Re: Could use some advice?
When a good cook opens a restaurant or catering business, they usually go broke. Although it is important to be a boater and know your product and customers, it's more important to know how to watch the bottom line.
This includes product placement: high profit items highly visible. Essential items in the back.* Inventory movement. Watch sale proceed per square foot: fill up 10' with blow-up rafts that don't sell and you are losing money; your business plan shoudl include sales per square foot so you can justify your rent (9% of sales is a good target). Low volume items = high mark-up. Advertise advertise advertise. Know how to work your financing and never ever use your credit card for financing.

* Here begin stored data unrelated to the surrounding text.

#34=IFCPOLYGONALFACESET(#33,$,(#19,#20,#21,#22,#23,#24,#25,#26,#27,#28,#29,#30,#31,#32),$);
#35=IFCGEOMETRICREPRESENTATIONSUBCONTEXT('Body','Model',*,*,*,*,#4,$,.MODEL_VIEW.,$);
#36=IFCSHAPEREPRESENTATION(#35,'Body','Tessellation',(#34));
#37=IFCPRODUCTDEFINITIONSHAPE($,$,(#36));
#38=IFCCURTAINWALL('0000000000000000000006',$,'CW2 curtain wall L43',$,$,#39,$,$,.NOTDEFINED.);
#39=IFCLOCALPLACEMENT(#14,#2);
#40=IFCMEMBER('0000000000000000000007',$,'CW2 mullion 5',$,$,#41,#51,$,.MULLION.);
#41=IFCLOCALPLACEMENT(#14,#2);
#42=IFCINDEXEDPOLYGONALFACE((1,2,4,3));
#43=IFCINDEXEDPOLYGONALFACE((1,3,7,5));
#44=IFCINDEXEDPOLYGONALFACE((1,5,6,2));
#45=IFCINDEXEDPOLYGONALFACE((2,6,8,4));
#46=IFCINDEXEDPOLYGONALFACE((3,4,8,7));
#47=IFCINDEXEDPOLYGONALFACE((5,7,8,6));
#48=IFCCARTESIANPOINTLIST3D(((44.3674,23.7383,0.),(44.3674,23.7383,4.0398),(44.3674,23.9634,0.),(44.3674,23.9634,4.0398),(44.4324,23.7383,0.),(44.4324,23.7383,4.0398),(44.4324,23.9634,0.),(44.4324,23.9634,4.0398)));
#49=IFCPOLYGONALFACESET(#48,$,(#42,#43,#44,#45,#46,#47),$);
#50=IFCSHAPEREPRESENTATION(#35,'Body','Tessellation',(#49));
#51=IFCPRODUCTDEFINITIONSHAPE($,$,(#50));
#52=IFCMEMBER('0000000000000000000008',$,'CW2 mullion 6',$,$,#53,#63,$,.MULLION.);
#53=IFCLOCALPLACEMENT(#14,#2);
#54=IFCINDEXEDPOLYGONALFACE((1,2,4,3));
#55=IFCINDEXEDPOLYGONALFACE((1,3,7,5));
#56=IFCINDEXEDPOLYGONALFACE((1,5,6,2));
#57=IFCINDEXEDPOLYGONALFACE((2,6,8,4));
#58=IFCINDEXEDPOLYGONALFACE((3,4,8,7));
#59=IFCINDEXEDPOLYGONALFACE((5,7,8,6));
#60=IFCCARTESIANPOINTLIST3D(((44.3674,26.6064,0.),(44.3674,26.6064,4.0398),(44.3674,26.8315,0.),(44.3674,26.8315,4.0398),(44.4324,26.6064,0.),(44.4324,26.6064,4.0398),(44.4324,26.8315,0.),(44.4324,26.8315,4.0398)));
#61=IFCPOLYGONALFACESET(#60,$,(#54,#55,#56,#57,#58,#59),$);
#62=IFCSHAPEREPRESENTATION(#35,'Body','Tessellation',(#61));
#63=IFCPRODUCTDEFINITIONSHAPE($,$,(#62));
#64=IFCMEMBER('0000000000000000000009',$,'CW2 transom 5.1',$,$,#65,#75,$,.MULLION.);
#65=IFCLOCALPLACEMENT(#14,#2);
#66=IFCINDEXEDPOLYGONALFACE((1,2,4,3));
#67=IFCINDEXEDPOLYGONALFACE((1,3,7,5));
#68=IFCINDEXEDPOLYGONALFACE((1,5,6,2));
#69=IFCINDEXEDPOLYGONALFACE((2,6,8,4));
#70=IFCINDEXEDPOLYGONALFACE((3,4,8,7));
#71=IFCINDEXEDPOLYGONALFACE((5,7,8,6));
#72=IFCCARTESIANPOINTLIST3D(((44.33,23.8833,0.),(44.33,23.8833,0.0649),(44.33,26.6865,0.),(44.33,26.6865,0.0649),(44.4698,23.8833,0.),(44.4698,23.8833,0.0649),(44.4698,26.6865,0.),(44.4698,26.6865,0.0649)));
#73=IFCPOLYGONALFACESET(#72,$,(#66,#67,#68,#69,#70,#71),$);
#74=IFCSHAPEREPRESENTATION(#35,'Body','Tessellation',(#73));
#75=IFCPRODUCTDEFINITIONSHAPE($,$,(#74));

Many communities have retired or volunteer businessmen who will consult for free. If not, hire someone, perhaps someone who ran a convenience store. get them to tell you how often your inventories should turn over--the longer it sits, the more you lose.
Watch specialized costs associated with certain products. To sell that $1 hot dog you have to have sanitation, inspection, food license, health classes for employees, bathrooms, etc etc. Your cost per square foot went up. Can you sell enough hot dogs to recoup?
Carrying costs: spare props sound appealing, but you have to carry a wide variety of high-cost items that will just sit there for the odd chance the guy who needs one, needs the one you have: brand, pitch, size, etc. You have to have a huge mark-up to cover the cost of it sitting for 6 months. Maybe go to a prop shop, buy a bunch of used props, and rent them out to the unfortunate?
Cost of goods sold: you have to open early close late. That means two shifts, which is more expensive per hour due to overlap and costs. And most employees either steal from you or let their friends steal.
You have to charge more than Walmart and mail order. Most customers do not understand why (including lots who post on iBoats!). Get them invested in the fact that you are selling convenience/service first and products second.
That's the business side (I happen to have professional experience in retail bankruptcy). Here's some more from the fun side:
Keep a marine radio on for boaters coming back to the dock to get something.
Keep a message board/fishing log both in store and on line for customers to read and post on. That will get people in the store and thinking about you and your being a service business, not just retail.
Buy motor oil in a 55 gallon drum and sell it by the gallon "BYO jug." and bottle the pints and quarts yourself. Lots of people around here do that. You have to time the market on your cost, though.
Cost this out, but it might be a good gimmick: get a big commercial ice maker, and give 5# ice (two big scoops) with every purchase over $5. Or if you can figure out how to secure it, have an ice club: you pay $ per year for up to 2 bags of ice a week. The key is to keep the off-season months, or at least the shoulders, in there so you blend high and low consumption. And never run out of ice!
*"only in America do we make the old and sick walk past the cigarettes and junk food to get to the medicine at the back of a drug store." Think about why that is not an accident.